The post-hoc study correlating prognosis in ASPECT-NP patients by each type of pathogen was performed. Pathogens isolated from lower respiratory tract samples were K. pneumoniae (34.6%), P. aeruginosa (25.0%) and E. coli (18.2%). Among the baseline Enterobacteriaceae isolates, 171/456 (37.5%) were ESBL positive. Susceptibility rates were 87.0% for CT and 93.3% for meropenem. 28-day all-cause mortality rates, clinical cure rate and microbiological eradication were comparable in both groups [29].

Johnson MG et al analyzed the emergence of resistance during treatment in P. aeruginosa isolates included in the ASPCT-NP study. Among the 59 isolates in the CT treatment arm, three (5.1%) had corresponding non-susceptible isolate pairs at baseline. Molecular analysis of these three isolates together with their reference pairs determined that two pairs had different sequence types and one pair had the same sequence type, thus only one could demonstrate the emergence of resistance during treatment. Among the 58 isolates in the meropenem treatment arm, 15 (25.9%) had corresponding pairs of non-susceptible isolates at the start of treatment. Molecular typing of these 15 isolates, together with their reference pair, determined that two pairs (3.4%) had different sequence types and that the other 13 pairs of isolates had the same sequence type. The most common molecular mechanisms of resistance found in the meropenem arm were oprD deficiency (n = 12 of 13; 92.3%) and overexpression of the protein and overexpression of the MexXY efflux system (n = 3 of 13; 23.1%) [30]. This study highlights the need to reach the MIC as soon as possible and if possible, the MPC to avoid falling into the resistance selection window.
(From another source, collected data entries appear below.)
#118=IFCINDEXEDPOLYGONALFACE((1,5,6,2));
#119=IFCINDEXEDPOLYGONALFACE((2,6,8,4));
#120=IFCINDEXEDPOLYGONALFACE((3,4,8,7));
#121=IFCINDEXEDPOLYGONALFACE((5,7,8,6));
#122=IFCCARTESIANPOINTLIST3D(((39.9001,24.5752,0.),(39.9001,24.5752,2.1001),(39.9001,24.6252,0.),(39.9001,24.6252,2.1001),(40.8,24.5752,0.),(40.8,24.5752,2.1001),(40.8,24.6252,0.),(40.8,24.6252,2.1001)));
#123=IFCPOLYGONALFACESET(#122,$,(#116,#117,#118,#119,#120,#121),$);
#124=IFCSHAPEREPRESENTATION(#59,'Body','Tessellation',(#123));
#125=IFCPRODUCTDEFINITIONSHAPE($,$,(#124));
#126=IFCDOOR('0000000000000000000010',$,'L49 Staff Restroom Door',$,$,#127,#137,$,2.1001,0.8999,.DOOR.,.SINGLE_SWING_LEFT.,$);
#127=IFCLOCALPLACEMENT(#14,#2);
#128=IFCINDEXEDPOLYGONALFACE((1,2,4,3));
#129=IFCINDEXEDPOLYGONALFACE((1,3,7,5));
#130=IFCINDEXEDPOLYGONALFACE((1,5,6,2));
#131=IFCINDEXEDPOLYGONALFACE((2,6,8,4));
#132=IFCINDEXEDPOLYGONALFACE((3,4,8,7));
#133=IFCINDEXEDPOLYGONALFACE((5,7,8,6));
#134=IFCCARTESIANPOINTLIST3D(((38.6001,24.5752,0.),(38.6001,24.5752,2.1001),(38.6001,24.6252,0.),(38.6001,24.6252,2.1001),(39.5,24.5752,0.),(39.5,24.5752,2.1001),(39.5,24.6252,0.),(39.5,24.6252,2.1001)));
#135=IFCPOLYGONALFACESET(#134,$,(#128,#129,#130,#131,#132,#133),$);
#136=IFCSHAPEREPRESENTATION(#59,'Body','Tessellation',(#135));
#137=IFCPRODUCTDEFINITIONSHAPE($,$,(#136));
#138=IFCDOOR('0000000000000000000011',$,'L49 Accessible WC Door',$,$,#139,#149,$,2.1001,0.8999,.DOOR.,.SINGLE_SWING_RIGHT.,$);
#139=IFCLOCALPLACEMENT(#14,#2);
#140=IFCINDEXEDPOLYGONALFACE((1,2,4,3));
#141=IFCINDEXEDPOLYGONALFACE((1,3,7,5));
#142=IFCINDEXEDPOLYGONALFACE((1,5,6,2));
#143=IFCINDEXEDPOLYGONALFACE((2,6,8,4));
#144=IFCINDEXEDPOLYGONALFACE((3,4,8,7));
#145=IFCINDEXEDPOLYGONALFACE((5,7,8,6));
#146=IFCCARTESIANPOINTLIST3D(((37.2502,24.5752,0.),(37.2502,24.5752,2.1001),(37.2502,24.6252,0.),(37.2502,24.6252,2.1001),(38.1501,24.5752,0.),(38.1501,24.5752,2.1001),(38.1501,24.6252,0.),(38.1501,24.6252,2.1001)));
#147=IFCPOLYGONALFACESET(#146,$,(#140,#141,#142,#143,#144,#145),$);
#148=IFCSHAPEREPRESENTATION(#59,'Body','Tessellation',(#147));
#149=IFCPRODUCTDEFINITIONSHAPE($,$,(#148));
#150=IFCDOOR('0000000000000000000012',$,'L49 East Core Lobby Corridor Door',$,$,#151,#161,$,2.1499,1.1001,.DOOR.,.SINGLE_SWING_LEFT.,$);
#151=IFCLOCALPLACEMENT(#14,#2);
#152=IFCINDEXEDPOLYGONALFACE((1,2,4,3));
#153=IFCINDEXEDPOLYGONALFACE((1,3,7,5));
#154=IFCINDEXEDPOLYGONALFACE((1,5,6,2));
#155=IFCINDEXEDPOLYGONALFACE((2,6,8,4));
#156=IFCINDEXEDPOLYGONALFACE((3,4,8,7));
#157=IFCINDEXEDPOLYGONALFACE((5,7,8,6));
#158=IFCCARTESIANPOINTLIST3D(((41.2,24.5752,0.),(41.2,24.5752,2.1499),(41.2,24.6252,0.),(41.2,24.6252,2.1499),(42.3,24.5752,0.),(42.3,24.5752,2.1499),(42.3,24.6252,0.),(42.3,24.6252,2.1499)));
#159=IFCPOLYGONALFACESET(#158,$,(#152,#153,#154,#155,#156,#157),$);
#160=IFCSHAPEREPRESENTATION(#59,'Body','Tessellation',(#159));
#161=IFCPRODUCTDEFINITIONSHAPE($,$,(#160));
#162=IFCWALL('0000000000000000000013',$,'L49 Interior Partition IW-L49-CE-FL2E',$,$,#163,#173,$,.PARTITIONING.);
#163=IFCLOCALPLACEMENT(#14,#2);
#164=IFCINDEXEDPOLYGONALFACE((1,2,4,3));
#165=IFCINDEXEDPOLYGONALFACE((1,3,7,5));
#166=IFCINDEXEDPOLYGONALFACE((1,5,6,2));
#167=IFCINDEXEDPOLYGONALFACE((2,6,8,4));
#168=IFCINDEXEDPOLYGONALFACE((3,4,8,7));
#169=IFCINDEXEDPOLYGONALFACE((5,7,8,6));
The risk is moderate for meropenem (MIC of 8 mg/L) administered at a dose of 6 g daily by prolonged infusion. However, the selection risk is very low for CT (2 mg/L MPC) at a dose of 3 g by 3–4-hour infusion every 8 h. We will observe over time whether the impact of the unavailability of CT during the COVID-19 pandemic might have generated more resistance in hospital-acquired ventilated P. aeruginosa pneumonia.

In conclusion, CT was clinically and microbiologically effective drug in the treatment of nosocomial pneumonia, stable at room temperature and safe at its approved dosage of 3g every 8 hours, which allows optimizing treatment in the frail or critically ill patient.